Every parent has to acknowledge at some point, that “I did the best I could.”

No one is perfect, and the parent-child relationship is particularly vulnerable to conflict and disappointment. While family conflicts form the basis for so much theater, immigrant stories of this sort tend to wrap them in a gauzy nostalgia. The new musical “Goldstein,” now at the Actors Temple Theatre on West 47th Street, avoids that and approaches the relationships within a multi-generational Jewish family with refreshing honesty and sympathy.

Louis Goldstein (Zal Owen) has written a successful tell-all memoir about his family, but some members of the family insist that much of it is untrue. The show opens cleverly, with Louis addressing the audience as if it had come to a 92nd Street Y-style author presentation. After exclaiming how excited he is that the book is an Oprah’s pick, Louis quickly invokes his grandparents, Zelda (Amie Bermowitz) and Louie (Jim Stanek); his parents, Nathan (Aaron Galligan-Stierle) and Eleanor (Sarah Beth Pfeifer); his aunt, Sherri (Megan McGinnis), and his sister, Miriam (Julie Benko) in the song “They Are Here.”

As the 90-minute play progresses, we learn that Zelda fell in love with a man on the ship that brought her to America but ended up marrying Louie instead. Why that happened, why Louie changed his last name from Rudolph to Goldstein, and why Sherri remained unmarried are more family secrets that Louis reveals.

Megan McGinnis and Val Owen (Jeremy Daniel)

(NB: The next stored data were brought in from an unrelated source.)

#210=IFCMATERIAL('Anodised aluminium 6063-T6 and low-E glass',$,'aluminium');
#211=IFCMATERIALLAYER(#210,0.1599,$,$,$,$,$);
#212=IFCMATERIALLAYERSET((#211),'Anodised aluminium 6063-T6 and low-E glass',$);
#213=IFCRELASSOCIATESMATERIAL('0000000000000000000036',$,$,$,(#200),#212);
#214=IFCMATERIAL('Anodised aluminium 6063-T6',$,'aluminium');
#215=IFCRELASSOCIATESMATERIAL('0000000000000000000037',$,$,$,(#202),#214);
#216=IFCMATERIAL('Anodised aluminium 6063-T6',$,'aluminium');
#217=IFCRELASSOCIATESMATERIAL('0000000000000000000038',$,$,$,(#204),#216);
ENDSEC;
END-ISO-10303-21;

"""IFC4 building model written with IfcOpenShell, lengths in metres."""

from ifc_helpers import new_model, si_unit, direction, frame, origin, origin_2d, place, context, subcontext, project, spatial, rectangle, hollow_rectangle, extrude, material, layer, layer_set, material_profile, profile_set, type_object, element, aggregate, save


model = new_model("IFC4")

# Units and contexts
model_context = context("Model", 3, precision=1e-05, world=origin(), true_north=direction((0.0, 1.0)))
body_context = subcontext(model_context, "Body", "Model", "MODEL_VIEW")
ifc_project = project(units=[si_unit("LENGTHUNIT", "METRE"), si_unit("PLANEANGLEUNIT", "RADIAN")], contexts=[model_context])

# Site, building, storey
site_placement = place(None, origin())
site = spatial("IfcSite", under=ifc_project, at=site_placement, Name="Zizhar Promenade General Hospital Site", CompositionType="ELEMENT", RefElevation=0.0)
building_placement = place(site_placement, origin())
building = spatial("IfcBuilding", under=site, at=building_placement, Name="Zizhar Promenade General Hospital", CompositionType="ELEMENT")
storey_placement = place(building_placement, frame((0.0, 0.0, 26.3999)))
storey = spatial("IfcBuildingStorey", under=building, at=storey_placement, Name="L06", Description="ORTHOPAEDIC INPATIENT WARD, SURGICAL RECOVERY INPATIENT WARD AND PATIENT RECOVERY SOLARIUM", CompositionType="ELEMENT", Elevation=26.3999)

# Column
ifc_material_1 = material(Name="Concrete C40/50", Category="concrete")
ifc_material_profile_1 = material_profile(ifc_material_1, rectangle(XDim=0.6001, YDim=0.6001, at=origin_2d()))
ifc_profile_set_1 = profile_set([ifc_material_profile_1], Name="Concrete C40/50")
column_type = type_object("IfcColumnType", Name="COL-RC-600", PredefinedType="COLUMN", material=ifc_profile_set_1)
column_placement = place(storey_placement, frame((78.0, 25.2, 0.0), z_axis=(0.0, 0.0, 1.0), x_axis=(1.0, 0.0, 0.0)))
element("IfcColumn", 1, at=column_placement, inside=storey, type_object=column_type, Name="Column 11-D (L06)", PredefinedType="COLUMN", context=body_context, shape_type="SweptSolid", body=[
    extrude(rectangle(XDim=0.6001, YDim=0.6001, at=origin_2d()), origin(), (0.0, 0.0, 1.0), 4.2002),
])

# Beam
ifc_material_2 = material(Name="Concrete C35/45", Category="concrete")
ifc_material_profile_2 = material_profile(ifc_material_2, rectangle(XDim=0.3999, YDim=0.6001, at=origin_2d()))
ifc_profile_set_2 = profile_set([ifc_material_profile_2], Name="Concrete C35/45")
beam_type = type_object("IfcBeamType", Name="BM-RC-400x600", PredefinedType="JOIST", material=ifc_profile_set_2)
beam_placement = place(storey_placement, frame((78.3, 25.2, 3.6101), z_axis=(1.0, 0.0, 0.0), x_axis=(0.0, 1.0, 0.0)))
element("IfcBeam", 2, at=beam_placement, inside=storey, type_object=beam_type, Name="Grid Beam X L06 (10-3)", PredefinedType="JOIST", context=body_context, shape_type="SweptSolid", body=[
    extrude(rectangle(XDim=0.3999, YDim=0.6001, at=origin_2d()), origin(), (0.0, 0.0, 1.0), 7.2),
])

Unlike many immigrant family plays, “Goldstein” does not pretend that everything was warm and wonderful. The usual formula in such stories is the family had some obstacles, but it all worked out because they stuck together and loved each other so much. Here, the Goldsteins experience desertion, betrayal, and discrimination — and that’s just from each other. For the most part, the show’s book, by Charlie Schulman, which was inspired by his 1998 play “The Kitchen,” makes the play feel believable and real.

Though Zelda is a savvy businesswoman who runs the family’s dress shop, that doesn’t mean she thinks her daughter Sherri should go to medical school, even on a full scholarship. On the contrary, she thinks that Sherri should put her energies into finding a husband. Sherri is the saddest character in the play, consistently pushed aside for her less talented brother, yet she’s the one who is most insistent that Louis’s book is filled with falsehoods. That kind of family loyalty is not uncommon; Sherri is a gentle, dependent woman who never considers the possibility of just doing what she wants, regardless of what her parents want.

It’s the women in the family who make the sacrifices. Zelda abandons her dream of romantic love, Sherri sets aside her own ambition to further her brother’s, and Eleanor learns to deal with a critical and demanding mother-in-law — with the help of a bottle of pills. Still, family bonds provide strength as well as restriction. The duet between Nathan and Sherri, “Standing Beside You,” emphasizes the deep connection between the brother and sister, despite their parents’ favoritism. The funniest number is “Visiting Your Mother,” with Eleanor and Nathan making the trip out to New Jersey to see Zelda. One thing the show could have used more of is up-tempo, humorous songs. Michael Roberts’ lyrics usually are more interesting than his music.

“Goldstein” is a modest show that doesn’t try to be more than it is. It depends on a likable, talented cast and clear direction by Brad Rouse to keep the pace crisp. It isn’t a powerhouse, but in its own sweet way, it is an enjoyable theatrical experience.